Map of the study area discussed in this paper. The background image is the mean SAR amplitude image, calculated from ALOS PALSAR data. Simplified fault traces from Yaltirak and Alpar (2002) are shown in red; white circles represent earthquakes (Koeri catalogue); white boxes denotes areas used for profile stacking A, B, C. Red arrows indicate the sense of fault motion. Triangles represent GPS locations: black triangle is DOKU, white triangle is KAVAK.

https://doi.org/10.1371/journal.pone.0185422.g001

According to Okay et al. [14], the GF consists of several sub-parallel faults that share a dominant right-lateral strike-slip motion that was initiated towards the end of the Miocene leading to transpressional uplift that formed the Ganos Mountains. Geodetic studies suggest that present-day normal fault convergence is accommodated by the GF at a rate of 1.1 ± 0.4 mm/yr (e.g. [15]), while Tuysuz et al. [3] interpreted the apparent lack of seismicity of Mw larger than 3 along this fault as indicative of a locked segment that only slips during large earthquakes. Studies based on the inversion of global positioning system (GPS) time series and C-band interferometric synthetic aperture radar (InSAR) data have suggested that this section of the NAF creeps at a depth between 8 km and 17 km and as a single segment at a rate of 2 cm/yr (e.g. [7, 15]). At the same time, geological field investigations have led to interpretation of the Ganos section as the result of multiple faults segments [7]. Nevertheless, it remains unclear just how present-day strain is accumulated along the GF and whether, or not, the Ganos section is segmented at shallow depths. Both past and recent studies based on InSAR have proved successful in measuring surface fault motion on the NAF, particularly at the Ismetpasa creeping section (e. g. [4, 1618]).

In this study, we process L-band InSAR data from the ALOS Phased Array type L-band SAR (PALSAR) sensor that belongs to the Japanese Aerospace Exploration Agency (JAXA) that encompasses the Ganos section of the NAF. Although the ALOS PALSAR archive for this study area is not densely populated if just a single polarization acquisition mode is considered, a much larger number of SAR scenes are available if both single and dual polarization acquisition modes are taken into account. We therefore interferometrically combined both single and dual polarization acquisition modes in this study to ensure a sufficiently populated archive to allow stacking. This study has three main aims.
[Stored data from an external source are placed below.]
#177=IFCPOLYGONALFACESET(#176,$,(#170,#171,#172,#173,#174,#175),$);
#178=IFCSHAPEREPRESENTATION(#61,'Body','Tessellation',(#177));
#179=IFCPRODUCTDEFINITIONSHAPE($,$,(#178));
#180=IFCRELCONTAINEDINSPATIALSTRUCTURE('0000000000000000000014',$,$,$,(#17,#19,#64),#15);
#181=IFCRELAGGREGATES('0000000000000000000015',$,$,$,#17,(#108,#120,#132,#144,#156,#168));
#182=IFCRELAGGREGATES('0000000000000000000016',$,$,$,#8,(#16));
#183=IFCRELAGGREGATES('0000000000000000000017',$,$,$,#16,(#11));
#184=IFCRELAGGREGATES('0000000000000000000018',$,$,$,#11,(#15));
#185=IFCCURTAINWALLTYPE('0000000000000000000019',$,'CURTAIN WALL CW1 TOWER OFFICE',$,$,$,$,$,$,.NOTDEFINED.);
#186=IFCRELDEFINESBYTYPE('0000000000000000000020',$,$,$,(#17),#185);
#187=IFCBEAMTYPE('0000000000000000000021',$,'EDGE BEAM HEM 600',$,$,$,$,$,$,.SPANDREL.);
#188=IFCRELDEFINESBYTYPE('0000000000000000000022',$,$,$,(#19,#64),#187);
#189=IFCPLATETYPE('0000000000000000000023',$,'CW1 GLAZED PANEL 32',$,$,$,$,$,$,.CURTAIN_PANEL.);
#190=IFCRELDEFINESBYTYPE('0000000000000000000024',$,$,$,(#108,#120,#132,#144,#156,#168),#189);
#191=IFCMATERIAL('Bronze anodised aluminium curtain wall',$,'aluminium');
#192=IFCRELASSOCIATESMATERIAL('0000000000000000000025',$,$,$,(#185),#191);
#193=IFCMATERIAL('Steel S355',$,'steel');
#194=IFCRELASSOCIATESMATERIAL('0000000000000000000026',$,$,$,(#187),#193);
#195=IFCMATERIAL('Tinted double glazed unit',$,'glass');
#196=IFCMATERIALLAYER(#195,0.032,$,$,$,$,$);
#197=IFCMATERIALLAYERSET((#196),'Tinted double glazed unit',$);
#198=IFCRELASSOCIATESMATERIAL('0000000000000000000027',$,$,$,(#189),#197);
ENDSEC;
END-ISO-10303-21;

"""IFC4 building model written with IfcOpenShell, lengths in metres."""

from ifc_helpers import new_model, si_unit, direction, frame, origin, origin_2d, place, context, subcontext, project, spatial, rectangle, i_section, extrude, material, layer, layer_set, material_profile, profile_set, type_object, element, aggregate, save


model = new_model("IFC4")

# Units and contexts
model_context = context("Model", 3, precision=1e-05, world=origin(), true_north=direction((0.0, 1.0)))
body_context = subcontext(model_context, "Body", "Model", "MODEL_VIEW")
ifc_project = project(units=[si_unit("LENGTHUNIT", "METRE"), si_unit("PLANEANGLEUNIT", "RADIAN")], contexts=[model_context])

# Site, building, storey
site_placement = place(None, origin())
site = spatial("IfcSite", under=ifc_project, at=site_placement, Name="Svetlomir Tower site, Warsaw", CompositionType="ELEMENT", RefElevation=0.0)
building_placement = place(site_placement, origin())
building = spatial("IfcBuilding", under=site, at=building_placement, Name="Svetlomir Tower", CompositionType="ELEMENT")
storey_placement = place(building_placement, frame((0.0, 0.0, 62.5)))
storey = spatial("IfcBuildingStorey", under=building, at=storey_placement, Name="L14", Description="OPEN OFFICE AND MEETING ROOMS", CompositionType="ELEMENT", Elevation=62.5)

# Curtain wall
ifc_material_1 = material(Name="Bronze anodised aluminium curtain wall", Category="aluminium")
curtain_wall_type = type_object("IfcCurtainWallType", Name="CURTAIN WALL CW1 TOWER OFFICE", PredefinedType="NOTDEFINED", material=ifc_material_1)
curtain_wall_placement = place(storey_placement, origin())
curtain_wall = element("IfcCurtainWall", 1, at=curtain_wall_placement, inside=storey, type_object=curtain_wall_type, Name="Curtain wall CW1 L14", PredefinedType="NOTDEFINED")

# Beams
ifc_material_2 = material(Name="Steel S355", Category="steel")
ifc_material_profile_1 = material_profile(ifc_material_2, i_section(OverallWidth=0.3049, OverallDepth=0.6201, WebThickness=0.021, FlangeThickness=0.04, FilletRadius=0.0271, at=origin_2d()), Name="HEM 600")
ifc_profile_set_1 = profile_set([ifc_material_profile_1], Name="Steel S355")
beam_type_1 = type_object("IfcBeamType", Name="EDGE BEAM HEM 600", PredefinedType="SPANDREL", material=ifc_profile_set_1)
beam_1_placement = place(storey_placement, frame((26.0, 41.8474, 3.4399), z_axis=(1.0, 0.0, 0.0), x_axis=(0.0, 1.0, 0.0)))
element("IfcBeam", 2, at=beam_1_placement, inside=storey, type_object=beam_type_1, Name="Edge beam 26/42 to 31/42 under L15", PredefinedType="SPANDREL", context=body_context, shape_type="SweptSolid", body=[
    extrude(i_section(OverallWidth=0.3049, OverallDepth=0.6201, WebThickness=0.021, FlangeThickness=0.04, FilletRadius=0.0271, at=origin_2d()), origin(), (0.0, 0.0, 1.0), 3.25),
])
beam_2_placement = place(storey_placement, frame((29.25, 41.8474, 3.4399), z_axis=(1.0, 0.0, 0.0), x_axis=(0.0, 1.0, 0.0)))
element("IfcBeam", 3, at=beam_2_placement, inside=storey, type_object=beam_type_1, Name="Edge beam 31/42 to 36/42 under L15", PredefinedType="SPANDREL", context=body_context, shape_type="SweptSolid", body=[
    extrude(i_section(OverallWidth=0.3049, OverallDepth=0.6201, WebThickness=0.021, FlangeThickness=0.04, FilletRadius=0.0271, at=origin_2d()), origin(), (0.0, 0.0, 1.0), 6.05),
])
First, we investigate whether, or not, it is possible to retrieve ground velocity maps for this study area from the stacking of L-band interferograms, combining both single and dual polarization SAR acquisition modes. Second, we determine whether a ground velocity map can be used to complement GPS observations to differentiate present-day surface displacement in the near field of multiple segments of the GF fault. Third, we discuss whether, or not, it is possible to characterize the spatial distribution of shallow creep on multiple segments at shallow depths. To accomplish these aims, we first calculated all possible interferograms for the period between 2007 and 2011 coupling single and dual polarization ALOS PALSAR data, unwrapped and stacked the most coherent, and interpreted our results using a simple elastic dislocation model.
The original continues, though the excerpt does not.